# Juniper Lake, Walton County



## FishWalton

Man, I got the red a - -, snake bit, or just plain lost my mo-jo. Have been spending too much on fishing gas for such a low creel so decided to start working Juniper Lake and see what it has to offer. I know it does have good fish but like any lake, you have to learn how to fish it. The water is very clear and there is a good bit of hydrilla in shallow water around the shoreline. There are some good grass areas that looks like good frog territory for the bass guys. 
This afternoon I fly fished it from 5pm until dark. Haven't been out there in 10 years or more for serious fishing although it's only a few minutes from the house. Caught three 6 to 7 inch bluegills on a fly popper that were nothing but skin and bones. I can't remember when I have seen bream so skinny. Even our river bream are better than this and they are not what they should be. A 7 inch bass lost his mind and got hooked on the bug as well. 
At least I did find two deep water holes (6 to 9 ft) that had fish although they would not bite. Will hit those marks in the next day or two and try to figure them out. Maybe worms or crickedts will work, but they could be cats. 
When I came in there were 11 bank folks fishing the deep water near the dam. They must have been after cats which Juniper has some nice ones.


----------



## SLICK75

You had better luck than I have ever had in there. Every time I go I caught by a thunder storm while Im hung up out in the middle of the stumps, which I have decided is everywhere but right at the end of the boat ramp.

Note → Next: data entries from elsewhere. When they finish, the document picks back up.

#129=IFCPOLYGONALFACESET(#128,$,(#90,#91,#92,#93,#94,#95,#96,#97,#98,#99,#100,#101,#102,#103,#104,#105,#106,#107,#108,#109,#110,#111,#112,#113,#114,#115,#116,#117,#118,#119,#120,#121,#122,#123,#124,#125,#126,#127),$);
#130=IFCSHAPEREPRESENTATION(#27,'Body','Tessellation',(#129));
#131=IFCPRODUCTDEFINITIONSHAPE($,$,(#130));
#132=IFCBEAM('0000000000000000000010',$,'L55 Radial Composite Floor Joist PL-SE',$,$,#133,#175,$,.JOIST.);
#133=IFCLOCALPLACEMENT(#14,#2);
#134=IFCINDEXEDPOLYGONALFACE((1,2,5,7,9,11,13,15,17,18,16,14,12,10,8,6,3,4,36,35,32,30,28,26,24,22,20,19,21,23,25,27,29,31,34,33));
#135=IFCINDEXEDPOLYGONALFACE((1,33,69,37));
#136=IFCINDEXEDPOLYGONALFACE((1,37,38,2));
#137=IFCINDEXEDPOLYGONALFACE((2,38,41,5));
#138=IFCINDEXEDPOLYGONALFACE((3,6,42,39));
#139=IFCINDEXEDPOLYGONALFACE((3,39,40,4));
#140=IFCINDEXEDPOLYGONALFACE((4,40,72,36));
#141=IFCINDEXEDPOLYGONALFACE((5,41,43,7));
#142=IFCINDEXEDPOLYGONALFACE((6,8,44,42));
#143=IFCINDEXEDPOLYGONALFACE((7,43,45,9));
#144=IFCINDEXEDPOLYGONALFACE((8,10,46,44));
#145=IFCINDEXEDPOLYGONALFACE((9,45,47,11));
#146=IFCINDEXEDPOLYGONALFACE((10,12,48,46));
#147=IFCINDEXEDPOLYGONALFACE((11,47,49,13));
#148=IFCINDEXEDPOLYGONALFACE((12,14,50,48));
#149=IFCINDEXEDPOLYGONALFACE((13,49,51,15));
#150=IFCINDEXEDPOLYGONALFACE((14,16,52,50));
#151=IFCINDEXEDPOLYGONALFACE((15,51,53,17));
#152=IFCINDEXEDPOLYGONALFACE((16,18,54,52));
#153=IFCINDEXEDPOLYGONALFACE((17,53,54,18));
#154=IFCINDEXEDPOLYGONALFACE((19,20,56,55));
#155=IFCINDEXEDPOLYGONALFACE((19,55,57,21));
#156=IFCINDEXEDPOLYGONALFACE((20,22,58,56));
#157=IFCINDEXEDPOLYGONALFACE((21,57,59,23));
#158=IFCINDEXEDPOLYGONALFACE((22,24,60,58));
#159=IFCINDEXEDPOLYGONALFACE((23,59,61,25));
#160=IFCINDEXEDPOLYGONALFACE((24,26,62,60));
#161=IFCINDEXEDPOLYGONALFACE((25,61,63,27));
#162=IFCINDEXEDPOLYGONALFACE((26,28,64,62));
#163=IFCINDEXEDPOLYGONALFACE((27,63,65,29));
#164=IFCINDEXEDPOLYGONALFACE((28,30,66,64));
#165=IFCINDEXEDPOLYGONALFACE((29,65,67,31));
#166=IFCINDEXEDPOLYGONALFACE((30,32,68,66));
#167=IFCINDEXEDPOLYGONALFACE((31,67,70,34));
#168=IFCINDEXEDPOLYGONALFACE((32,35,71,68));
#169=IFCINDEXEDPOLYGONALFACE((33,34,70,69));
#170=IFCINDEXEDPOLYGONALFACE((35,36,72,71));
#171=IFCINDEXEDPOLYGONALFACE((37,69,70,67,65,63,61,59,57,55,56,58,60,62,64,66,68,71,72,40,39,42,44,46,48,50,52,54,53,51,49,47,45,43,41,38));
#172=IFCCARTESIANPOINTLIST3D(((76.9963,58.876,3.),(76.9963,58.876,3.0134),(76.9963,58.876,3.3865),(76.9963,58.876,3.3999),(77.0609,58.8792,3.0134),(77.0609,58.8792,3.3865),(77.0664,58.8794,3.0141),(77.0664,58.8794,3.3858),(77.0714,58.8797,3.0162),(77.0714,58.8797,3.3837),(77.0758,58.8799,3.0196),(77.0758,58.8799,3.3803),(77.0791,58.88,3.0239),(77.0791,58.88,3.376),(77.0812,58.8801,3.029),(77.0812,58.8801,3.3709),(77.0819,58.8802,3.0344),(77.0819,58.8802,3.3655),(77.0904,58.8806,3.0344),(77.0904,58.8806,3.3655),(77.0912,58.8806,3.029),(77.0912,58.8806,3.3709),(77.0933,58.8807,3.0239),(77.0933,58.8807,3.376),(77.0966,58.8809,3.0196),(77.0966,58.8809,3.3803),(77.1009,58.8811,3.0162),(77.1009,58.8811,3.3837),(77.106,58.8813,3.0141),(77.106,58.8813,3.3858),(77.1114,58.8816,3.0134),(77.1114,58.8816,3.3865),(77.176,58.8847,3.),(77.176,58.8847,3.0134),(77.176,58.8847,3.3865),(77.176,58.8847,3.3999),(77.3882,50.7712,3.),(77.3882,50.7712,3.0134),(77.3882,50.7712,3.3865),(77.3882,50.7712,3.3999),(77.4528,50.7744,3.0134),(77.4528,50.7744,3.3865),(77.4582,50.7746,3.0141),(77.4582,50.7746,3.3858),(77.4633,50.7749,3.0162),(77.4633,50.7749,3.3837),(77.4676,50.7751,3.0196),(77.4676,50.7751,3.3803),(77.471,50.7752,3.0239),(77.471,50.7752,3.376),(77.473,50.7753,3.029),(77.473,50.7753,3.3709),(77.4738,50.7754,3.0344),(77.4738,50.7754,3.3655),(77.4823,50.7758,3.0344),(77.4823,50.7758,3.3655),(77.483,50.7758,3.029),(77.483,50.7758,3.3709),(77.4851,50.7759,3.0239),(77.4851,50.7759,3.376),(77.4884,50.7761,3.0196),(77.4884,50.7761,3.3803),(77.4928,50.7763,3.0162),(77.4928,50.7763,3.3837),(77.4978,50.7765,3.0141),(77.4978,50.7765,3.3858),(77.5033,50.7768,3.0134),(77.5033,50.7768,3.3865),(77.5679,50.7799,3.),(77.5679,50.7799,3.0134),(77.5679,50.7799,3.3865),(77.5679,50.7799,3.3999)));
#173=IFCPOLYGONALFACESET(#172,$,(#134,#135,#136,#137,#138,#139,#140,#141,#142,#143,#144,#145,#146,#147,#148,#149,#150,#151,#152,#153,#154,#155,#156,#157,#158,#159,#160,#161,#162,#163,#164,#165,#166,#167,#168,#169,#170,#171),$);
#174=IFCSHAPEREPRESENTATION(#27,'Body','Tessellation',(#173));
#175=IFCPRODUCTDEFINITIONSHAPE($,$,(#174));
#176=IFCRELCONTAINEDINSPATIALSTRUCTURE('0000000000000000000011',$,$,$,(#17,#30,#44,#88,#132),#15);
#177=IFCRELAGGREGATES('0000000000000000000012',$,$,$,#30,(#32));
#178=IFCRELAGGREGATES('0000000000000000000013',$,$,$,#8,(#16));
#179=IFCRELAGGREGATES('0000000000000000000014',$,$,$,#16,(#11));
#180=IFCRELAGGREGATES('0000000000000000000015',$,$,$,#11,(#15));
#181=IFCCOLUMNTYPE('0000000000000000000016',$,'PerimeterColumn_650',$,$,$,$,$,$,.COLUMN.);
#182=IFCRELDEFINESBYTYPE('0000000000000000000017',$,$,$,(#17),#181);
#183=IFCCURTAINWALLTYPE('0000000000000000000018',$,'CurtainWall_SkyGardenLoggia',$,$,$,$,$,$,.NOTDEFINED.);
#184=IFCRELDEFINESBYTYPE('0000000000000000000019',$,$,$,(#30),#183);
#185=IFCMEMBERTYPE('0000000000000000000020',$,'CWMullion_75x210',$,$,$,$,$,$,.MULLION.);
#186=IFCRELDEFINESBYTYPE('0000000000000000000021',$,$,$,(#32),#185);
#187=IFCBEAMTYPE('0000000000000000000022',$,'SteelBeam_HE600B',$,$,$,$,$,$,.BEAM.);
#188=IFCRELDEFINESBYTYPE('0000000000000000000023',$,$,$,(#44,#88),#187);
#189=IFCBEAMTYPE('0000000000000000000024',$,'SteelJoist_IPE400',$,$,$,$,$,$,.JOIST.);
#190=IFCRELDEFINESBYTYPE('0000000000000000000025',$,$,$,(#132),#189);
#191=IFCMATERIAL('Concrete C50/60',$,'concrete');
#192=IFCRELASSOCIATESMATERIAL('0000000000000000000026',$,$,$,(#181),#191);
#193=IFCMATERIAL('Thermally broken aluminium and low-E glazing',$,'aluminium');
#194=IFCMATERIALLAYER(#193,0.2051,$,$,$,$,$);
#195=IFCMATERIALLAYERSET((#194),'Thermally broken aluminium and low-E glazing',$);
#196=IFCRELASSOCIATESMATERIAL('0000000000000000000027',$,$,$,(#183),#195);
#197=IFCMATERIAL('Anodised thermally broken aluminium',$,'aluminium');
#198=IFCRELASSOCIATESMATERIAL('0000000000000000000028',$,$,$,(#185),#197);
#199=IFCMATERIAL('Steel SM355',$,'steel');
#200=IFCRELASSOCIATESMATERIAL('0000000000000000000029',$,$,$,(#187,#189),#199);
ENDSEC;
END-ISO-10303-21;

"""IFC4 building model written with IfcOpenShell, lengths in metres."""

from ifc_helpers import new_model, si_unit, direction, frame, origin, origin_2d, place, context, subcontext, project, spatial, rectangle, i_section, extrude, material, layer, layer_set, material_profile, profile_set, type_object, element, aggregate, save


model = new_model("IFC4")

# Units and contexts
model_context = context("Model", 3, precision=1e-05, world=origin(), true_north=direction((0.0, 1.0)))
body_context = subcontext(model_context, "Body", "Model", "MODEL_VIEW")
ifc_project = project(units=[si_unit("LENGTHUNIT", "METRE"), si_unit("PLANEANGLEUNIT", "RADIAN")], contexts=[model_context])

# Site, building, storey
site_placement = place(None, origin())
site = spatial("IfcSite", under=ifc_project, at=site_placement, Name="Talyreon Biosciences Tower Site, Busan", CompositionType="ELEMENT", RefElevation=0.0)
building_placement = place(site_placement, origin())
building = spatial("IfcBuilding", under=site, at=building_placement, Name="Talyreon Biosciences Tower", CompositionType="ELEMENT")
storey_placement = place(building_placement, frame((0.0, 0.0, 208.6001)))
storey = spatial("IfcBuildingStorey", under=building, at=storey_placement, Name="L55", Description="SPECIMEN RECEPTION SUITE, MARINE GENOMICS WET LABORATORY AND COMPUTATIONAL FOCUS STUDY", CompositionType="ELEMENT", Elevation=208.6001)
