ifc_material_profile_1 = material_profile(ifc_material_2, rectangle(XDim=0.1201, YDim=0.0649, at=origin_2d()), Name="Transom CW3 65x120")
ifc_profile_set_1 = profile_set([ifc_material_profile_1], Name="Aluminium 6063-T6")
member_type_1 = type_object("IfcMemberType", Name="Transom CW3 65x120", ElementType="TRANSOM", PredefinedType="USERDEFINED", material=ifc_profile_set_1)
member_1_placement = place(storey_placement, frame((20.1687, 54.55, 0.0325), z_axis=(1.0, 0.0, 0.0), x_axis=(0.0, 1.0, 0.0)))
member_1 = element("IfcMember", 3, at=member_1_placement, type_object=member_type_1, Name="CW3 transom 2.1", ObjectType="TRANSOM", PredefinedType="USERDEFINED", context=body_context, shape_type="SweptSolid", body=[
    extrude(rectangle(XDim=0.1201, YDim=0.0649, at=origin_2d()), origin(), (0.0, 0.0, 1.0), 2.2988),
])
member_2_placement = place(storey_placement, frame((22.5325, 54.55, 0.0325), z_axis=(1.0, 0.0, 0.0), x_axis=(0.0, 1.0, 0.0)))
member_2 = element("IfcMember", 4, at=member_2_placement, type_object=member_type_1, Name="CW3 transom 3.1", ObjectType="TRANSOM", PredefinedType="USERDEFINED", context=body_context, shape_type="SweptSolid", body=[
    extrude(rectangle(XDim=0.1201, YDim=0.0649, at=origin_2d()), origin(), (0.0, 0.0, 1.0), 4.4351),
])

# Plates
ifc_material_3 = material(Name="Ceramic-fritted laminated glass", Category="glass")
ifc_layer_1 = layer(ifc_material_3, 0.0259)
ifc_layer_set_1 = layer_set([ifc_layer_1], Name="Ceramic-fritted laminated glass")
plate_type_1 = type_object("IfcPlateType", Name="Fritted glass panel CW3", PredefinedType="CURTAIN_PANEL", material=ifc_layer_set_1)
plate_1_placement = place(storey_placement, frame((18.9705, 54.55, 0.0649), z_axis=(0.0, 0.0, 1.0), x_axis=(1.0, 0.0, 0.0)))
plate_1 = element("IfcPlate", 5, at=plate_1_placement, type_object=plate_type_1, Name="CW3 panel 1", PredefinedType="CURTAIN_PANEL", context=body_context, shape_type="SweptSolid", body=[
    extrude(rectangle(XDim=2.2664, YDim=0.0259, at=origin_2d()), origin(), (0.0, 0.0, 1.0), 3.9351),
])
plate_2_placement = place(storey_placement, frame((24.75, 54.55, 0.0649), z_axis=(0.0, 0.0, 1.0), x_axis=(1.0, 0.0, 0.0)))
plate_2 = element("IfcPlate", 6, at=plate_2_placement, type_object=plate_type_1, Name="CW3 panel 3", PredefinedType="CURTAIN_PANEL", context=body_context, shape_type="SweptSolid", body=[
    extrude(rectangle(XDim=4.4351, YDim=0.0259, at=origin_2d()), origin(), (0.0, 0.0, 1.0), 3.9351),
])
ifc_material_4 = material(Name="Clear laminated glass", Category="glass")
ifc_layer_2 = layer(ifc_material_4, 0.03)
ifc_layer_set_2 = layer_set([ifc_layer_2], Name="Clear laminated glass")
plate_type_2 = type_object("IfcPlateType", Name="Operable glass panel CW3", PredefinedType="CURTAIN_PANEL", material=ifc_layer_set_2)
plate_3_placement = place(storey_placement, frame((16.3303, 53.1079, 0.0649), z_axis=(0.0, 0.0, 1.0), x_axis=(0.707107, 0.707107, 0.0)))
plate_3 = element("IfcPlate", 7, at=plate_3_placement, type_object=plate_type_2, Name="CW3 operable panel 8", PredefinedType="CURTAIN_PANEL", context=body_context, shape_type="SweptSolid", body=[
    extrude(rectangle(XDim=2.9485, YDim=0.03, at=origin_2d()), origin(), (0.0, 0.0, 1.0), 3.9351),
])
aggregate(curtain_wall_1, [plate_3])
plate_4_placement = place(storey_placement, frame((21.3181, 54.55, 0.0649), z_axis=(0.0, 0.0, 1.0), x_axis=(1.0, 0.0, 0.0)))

Is there a boat ramp on the north side? I want to get over there to the northwest corner, but getting there from the dam is a gamble.

Me and my boys went to Stanley last weekend for a late afternoon trip. I landed one bass just under limit, then my oldest landed one that went about 3 lb and hung a jack.

Thinking about taking them up to Jackson this evening as long as the wind doesnt get too bad.


----------



## FishWalton

*stumps*

When the state did a drawn down on Juniper a few years back they cut off a zillion snags more or less aroung the shore line so you can move around better. Also cut off a lot out in the lake, but right now the water is low and those out in the lake are sticking up pretty good. 

There are good fish out there but it will take some doing to learn how to catch them. I plan to start doing a little night fishing out there in the deep channels. I feel safe there alone since my cell phone works It's doesn't work on the river where I fish alone much of the time.


----------



## jstblsd

Be safe out there hope you catch enough for me!


----------



## SLICK75

Yeah, it was 2 years ago the last time we went. I had caught wind of the draw0down and wanted to give it a go. I took my oldest son and made a go of it, but as usual the thunderstorm blew in within an hour of us getting there.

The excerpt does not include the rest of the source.